OASIS Mailing List ArchivesView the OASIS mailing list archive below
or browse/search using MarkMail.


Help: OASIS Mailing Lists Help | MarkMail Help

[Date Prev][Date Next][Thread Prev][Thread Next][Date Index][Thread Index]

RE: Request: Techniques for reducing the size of XML instances

On Thu, 26 Jul 2001, HUGHES,MARK (Non-HP-FtCollins,ex1) wrote:

>   Seconded.  gzip is simple, fast, ubiquitous, standard, and gives you far
> better compression than any binary substitution scheme ever will.
>   After all, gzip compresses both the tags *and* the content, and can
> identify repeated sequences of <tag>content</tag>.  Binary encodings
> can only compress the tags...

Whoa! Crazy incorrect statements alert!

1) gzip is not simple or fast. Have you studied the algorithms required to
implement it or it's memory requirements? You can shave them down by using
a naive brute-force implementation, but then it's slow. And CPU
power/memory/memory bandwidth is *not* cheap in many important application


http://www.gzip.org/zlib/zlib_tech.html - for the default settings, 256kb
of working memory needed for compression and 44k for decompression

Not that deflate is abad algorithm or zlib a bad implementation, but the
bit twiddling and block searching required for LZ77 and Huffman encoding
are awkward operations on von Neuman architectures that happen to have
byte or word aligned memory access... decoding is better on the LZ77 front
(it's a heavily read-optimised algorithm), but the Huffman stuff still
requires bit shuffling because a Huffman data stream is inherently

2) gzip won't necessarily give "far better compression". A trivial way of
getting better compression than gzipping XML is to gzip binary XML.
deflate is great at compressing the text of content, and if it doesn't
have redundant whitespace and tag syntax to have to represent it can shave
off a good few percent extra. Even better would be to take apart the gzip
algorithm - LZ77 splits the input byte stream into a literal data stream
and a historical match stream; instead, it could take a literal data
stream, a syntactic stream of SAX events minus the strings, and a
historical match stream, for the ultimate tuning of the huffman engine.

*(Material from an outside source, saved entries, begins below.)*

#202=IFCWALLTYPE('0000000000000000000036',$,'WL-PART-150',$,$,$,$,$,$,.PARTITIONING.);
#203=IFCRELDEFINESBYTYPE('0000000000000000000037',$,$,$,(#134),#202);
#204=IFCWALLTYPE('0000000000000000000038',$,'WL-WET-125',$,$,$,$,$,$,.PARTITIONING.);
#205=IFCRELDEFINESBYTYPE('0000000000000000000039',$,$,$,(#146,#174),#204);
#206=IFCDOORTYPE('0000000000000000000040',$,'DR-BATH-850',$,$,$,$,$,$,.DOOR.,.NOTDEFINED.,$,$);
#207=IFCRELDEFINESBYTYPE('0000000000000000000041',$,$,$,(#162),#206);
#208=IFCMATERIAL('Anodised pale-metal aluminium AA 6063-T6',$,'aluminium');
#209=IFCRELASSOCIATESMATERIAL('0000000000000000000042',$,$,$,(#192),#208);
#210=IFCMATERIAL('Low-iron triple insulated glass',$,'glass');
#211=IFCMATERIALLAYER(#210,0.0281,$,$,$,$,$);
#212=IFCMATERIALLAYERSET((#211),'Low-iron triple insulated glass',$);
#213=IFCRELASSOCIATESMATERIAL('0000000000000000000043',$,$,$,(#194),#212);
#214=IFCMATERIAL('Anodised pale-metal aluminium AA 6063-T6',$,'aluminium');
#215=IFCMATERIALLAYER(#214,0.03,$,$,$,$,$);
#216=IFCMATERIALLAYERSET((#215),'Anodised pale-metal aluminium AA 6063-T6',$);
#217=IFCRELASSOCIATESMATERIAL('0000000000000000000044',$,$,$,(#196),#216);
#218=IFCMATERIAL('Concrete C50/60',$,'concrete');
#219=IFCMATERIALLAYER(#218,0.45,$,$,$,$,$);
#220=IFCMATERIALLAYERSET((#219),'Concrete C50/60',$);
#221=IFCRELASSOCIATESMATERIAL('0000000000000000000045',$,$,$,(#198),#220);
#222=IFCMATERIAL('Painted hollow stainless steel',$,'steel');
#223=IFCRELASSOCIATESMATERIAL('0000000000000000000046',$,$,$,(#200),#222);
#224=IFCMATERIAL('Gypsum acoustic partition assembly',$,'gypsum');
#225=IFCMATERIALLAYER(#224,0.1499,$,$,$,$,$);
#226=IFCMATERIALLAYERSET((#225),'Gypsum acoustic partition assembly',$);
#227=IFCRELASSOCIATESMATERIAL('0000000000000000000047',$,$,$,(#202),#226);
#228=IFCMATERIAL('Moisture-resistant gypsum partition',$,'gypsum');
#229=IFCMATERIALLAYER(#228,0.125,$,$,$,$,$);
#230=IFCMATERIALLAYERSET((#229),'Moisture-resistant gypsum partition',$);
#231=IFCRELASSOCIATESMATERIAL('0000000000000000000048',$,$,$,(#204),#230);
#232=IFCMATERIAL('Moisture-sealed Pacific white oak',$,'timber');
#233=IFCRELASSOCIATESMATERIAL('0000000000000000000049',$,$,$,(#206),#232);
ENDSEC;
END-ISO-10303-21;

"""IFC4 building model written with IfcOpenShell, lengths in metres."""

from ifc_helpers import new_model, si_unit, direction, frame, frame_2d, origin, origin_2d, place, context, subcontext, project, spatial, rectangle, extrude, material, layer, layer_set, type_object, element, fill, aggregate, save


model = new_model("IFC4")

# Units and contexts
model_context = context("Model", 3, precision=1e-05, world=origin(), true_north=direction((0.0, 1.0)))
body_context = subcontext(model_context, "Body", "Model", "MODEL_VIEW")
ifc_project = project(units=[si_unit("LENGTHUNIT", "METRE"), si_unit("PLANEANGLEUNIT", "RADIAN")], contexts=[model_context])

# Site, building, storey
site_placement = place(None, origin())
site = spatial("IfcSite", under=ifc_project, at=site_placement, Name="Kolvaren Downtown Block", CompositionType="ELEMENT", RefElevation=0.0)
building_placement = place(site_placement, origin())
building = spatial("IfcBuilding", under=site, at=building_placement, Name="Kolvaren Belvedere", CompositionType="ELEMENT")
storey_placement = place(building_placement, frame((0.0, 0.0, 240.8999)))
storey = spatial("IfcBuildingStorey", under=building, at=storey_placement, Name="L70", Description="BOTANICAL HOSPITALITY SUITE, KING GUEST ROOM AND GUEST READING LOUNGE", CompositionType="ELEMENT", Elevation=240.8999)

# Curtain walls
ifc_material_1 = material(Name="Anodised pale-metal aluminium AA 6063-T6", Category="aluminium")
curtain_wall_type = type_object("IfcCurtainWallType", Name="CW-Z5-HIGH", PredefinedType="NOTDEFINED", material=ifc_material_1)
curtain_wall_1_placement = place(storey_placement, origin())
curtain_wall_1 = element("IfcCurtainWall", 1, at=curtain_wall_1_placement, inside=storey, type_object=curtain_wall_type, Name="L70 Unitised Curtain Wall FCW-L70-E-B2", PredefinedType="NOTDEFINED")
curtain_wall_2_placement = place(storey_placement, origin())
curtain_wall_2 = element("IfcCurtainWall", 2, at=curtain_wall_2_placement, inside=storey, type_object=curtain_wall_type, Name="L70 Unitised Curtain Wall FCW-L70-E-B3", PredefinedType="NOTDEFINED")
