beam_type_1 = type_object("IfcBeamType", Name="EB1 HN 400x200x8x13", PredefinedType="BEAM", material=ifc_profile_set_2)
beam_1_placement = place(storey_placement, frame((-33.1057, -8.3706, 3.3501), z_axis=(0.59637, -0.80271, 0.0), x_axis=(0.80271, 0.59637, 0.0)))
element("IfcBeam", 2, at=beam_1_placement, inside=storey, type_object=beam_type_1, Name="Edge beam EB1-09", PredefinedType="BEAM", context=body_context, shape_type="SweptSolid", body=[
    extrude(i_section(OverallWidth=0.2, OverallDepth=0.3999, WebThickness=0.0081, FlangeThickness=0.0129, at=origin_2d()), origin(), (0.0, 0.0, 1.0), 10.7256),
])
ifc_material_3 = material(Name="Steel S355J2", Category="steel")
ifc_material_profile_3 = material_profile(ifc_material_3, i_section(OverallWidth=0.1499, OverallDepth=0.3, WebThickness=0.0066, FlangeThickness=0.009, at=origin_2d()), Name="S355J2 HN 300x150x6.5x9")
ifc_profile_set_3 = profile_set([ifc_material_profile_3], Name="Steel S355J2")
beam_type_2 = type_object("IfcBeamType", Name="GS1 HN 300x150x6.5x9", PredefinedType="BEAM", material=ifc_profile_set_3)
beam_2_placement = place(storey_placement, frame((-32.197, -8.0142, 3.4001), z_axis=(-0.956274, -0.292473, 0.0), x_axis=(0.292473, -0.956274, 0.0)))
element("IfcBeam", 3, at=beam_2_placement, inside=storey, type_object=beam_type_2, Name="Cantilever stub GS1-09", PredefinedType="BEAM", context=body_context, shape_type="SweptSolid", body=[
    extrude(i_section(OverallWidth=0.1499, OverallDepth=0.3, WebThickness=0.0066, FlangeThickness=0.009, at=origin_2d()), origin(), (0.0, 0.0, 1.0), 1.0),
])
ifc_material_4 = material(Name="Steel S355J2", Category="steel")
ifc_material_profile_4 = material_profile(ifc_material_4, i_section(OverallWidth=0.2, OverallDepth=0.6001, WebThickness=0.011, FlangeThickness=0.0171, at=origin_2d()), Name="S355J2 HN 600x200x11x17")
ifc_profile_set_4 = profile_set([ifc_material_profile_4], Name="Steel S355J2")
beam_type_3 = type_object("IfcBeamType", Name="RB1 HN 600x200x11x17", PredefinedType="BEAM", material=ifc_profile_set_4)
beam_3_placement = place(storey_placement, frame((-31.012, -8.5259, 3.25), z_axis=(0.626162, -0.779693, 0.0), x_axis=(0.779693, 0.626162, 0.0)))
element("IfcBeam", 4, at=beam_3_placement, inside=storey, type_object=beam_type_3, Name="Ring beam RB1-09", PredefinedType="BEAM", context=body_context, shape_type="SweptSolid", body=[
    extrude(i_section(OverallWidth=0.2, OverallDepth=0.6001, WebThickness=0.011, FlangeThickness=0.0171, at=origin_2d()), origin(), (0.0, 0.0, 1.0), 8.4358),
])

But is it worth the bother? The applications where binary XML are desired
- high throughput transaction processing systems, low bandwidth
communications, and low-power processors with small memory - are not
generally places where complex compression algorithms are worthwhile, with
the exception of the low bandwidth comms if both ends have CPU cycles to
spare. For an embedded processor, the costs of parsing textual XML and the
costs of handling gzip can both be out of the question compared to dealing
with a very simple binary SAX stream; the storage requirements of this
over gzipped data are often less important than the speed of processing!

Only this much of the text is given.